Performance, Manufacturability and Mechanical Properties of Near-Net Shaped Pyramidal Fin Arrays for Compact Heat Exchangers Produced Using Cold Spray as an Additive Manufacturing Technique

• Main Author: Cormier, Yannick
• Other Authors: Jodoin, Bertrand
• Language: en
• Published: Université d'Ottawa / University of Ottawa 2016
• Subjects: Cold Gas Dynamic Spray; Additive Manufacturing; Pyramidal Fin Arrays; Near-Net Shaped; Compact Heat Exchangers; Aluminum; Stainless Steel; Nickel
• Online Access: http://hdl.handle.net/10393/34981; http://dx.doi.org/10.20381/ruor-4946

Significant efforts have been made in the last decades to decrease the world’s dependency to fossil fuels. One of the fronts which has shown major improvement is gas turbine efficiency. To this end, components such as recuperators have been developed to recover heat that is usually trapped and wasted in the exhaust gases of combustion processes. Brayton Energy Canada has recently developed a promising compact heat exchanger that could be used as a recuperator in gas turbines. Nevertheless, this novel type of wire mesh heat exchanger still has room for improvement, especially regarding the way that its fin arrays are manufactured due to the fact that the technique presently used is time consuming and consequently costly. The present research aims to manufacture near-net shaped pin fin arrays using cold gas dynamic spray as an additive manufacturing technique by selectively covering the substrate by the means of a mask.

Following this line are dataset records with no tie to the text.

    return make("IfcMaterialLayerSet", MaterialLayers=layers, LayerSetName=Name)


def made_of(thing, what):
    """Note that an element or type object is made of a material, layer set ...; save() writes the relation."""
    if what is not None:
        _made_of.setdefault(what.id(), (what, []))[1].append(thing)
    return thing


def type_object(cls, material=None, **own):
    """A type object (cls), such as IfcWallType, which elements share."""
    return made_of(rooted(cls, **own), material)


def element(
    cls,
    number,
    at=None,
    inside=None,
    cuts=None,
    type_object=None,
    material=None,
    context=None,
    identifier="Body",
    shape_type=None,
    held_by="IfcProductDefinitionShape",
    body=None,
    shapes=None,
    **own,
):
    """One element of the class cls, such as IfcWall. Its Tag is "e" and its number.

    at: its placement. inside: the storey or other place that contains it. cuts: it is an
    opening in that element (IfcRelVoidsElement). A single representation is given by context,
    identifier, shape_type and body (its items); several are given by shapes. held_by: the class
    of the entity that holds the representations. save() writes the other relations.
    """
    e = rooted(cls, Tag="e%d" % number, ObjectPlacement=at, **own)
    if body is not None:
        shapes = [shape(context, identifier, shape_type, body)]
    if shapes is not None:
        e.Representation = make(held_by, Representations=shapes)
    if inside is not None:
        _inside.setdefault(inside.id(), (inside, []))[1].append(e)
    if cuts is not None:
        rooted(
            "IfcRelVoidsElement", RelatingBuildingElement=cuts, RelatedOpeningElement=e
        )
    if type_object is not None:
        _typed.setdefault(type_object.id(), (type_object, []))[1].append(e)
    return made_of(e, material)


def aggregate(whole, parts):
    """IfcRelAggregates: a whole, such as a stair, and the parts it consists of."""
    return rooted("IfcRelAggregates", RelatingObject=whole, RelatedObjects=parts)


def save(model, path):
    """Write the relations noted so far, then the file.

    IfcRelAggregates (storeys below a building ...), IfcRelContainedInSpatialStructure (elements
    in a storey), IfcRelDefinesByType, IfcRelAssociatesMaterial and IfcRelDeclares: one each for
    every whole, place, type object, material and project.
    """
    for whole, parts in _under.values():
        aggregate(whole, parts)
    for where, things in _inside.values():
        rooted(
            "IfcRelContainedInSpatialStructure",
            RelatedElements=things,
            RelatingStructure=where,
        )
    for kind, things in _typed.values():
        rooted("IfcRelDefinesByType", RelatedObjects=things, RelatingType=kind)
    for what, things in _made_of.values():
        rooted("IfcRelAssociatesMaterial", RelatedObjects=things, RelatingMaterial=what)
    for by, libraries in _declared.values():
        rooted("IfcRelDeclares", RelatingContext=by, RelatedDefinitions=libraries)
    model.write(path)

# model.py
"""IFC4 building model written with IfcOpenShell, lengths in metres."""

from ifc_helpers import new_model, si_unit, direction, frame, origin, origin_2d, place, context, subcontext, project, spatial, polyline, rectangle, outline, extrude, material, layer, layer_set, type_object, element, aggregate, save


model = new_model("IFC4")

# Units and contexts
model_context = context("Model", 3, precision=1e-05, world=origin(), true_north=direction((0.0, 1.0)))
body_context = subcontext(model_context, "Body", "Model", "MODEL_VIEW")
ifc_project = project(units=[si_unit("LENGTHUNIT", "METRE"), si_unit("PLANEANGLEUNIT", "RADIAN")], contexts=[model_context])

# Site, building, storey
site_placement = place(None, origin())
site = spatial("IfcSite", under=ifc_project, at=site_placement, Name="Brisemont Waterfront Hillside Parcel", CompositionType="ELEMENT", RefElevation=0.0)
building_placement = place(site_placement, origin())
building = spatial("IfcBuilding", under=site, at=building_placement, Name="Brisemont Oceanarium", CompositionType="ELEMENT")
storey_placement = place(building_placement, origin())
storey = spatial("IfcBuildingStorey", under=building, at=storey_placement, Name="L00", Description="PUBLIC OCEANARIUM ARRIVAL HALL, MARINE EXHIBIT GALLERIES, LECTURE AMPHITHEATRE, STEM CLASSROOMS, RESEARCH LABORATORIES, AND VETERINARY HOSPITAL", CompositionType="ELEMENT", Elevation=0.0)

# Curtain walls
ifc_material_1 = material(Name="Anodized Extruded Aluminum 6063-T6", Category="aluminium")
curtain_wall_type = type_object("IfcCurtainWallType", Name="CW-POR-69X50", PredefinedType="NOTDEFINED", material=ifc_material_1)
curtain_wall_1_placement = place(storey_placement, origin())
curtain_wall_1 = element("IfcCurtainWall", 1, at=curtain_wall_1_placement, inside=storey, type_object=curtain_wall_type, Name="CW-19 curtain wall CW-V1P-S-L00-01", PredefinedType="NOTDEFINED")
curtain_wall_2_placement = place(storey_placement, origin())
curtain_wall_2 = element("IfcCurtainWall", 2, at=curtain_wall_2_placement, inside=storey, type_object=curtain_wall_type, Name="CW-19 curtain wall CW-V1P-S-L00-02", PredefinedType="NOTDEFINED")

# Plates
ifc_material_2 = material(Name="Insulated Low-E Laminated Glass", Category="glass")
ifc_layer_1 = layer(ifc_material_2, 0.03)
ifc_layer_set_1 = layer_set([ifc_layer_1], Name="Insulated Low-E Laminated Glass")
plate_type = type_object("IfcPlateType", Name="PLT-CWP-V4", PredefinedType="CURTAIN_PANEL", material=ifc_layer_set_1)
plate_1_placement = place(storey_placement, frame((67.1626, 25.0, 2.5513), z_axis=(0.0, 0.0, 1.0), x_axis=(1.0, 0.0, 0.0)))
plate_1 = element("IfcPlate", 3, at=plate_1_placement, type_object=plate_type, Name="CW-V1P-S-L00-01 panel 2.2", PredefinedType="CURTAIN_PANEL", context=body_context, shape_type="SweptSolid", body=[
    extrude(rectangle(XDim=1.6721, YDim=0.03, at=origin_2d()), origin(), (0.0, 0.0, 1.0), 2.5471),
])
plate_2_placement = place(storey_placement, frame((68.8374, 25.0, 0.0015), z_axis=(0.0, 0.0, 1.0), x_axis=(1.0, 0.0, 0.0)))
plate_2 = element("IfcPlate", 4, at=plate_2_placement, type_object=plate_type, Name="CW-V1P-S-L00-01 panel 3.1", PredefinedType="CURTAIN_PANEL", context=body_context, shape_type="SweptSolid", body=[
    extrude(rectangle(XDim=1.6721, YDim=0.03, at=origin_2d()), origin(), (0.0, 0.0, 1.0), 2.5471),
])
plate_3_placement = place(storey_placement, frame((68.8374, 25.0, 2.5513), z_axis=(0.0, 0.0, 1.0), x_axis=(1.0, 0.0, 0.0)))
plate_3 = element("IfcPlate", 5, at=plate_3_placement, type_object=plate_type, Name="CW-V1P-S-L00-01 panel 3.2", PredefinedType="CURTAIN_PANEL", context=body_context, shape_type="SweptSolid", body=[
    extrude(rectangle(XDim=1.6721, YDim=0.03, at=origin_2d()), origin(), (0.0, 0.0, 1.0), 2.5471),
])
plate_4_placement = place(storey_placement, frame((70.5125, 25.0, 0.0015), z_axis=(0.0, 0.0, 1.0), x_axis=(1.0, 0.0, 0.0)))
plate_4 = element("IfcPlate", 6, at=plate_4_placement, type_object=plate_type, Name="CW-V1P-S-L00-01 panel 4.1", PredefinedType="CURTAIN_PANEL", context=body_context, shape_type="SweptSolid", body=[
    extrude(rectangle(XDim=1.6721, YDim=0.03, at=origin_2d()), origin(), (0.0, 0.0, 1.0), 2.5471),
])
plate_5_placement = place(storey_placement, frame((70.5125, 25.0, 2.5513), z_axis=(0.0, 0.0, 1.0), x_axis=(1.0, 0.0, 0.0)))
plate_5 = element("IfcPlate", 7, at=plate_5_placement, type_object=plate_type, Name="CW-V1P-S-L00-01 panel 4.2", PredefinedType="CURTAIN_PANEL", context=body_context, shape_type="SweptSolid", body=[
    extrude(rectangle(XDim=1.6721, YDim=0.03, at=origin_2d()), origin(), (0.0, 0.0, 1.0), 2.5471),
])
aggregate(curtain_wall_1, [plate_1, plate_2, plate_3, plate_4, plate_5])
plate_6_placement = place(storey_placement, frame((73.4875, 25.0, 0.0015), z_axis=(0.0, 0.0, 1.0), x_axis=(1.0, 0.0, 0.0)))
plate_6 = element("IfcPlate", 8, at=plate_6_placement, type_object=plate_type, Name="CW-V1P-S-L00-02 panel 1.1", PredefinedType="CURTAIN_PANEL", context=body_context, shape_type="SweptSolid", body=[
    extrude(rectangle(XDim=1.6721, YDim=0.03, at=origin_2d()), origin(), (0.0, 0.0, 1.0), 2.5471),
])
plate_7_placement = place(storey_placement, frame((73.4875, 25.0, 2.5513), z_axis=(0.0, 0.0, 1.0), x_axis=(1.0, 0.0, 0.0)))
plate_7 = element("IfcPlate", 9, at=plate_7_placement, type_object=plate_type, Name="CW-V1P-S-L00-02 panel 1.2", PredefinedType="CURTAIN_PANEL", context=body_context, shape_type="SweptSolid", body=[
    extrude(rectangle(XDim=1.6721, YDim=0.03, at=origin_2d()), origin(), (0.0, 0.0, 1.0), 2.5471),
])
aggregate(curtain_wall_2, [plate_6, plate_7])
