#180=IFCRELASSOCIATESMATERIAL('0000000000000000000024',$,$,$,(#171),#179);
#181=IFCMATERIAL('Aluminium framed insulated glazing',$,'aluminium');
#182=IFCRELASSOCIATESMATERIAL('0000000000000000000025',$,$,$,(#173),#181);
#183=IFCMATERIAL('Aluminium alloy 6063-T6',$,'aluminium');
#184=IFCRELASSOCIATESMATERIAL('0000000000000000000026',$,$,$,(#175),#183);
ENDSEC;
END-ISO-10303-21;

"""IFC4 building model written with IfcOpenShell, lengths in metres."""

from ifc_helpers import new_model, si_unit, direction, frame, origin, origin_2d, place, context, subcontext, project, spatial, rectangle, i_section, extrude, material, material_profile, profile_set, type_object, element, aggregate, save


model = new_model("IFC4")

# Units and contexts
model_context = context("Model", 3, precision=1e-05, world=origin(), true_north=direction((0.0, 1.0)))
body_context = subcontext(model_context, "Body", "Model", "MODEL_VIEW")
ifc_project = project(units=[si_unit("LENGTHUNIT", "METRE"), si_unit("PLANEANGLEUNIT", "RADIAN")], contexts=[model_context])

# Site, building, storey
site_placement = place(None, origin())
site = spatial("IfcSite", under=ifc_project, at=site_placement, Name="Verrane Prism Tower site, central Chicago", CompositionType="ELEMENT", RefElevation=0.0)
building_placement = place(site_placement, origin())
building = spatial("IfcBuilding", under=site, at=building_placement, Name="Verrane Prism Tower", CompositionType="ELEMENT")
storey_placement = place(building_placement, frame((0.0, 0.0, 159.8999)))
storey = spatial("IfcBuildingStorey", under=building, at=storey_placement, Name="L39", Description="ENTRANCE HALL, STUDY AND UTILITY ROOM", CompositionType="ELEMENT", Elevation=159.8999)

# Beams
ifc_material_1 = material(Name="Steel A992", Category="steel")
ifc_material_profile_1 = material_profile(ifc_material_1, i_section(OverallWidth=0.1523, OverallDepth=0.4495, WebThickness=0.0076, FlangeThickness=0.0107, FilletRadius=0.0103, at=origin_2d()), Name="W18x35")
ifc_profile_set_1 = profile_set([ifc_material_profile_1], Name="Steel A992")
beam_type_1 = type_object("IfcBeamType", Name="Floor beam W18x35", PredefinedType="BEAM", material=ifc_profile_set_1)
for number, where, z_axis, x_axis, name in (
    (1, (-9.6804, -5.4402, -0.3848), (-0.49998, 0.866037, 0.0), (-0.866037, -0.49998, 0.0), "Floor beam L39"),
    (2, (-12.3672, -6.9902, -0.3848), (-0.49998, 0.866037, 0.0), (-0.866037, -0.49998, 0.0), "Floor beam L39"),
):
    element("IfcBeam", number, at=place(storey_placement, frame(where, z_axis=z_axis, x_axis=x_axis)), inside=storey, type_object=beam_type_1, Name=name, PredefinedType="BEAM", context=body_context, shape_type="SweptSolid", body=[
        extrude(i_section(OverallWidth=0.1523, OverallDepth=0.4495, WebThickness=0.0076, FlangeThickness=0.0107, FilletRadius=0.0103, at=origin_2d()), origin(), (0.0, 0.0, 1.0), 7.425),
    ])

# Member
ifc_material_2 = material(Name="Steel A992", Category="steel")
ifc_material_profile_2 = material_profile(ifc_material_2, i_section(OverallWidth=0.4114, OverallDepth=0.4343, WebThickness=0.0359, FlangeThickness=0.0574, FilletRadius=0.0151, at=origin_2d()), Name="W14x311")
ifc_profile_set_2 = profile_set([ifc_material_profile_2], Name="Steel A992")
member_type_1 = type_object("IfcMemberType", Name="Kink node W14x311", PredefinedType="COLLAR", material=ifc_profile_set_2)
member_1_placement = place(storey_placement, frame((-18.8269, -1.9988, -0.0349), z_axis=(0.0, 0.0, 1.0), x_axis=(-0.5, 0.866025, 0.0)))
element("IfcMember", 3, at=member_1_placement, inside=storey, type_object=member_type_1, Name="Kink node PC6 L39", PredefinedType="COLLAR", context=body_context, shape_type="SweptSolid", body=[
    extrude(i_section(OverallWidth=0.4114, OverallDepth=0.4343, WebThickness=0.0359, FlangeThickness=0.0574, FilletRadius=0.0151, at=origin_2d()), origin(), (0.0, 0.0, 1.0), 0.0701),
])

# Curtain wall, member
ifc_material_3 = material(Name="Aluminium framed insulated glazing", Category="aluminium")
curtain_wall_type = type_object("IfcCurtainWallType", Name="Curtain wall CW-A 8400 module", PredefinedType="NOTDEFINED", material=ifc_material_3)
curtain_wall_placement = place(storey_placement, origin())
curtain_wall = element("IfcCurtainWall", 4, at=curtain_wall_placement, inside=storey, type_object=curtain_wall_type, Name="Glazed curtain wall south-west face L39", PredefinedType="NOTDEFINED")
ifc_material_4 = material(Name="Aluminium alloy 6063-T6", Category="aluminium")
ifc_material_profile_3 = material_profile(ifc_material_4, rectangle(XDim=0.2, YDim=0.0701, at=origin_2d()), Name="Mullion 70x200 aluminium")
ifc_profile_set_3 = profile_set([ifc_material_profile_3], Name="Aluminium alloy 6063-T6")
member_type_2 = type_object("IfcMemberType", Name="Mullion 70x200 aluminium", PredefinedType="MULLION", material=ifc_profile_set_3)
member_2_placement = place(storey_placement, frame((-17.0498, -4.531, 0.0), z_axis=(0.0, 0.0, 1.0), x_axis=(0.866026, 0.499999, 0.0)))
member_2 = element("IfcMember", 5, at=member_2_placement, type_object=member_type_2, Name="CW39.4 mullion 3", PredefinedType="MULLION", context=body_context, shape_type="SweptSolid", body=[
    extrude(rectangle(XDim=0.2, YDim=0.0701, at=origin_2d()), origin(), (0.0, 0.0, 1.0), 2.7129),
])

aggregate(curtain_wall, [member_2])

Moreover, this research work studies the feasibility of using CGDS as an additive manufacturing technique to produce pin fin arrays, the thermal and hydrodynamic performances of this new type of pin fin created, the effect of geometric parameters such as fin density and height on the performances, the viability of the sprayed pin fins in a real environment by means of finding mechanical properties such as adhesion strength, the possibility of producing a streamwise material anisotropic fin arrays, and finally the different adhesion mechanisms by means of numerical modeling of the relevant impact physics.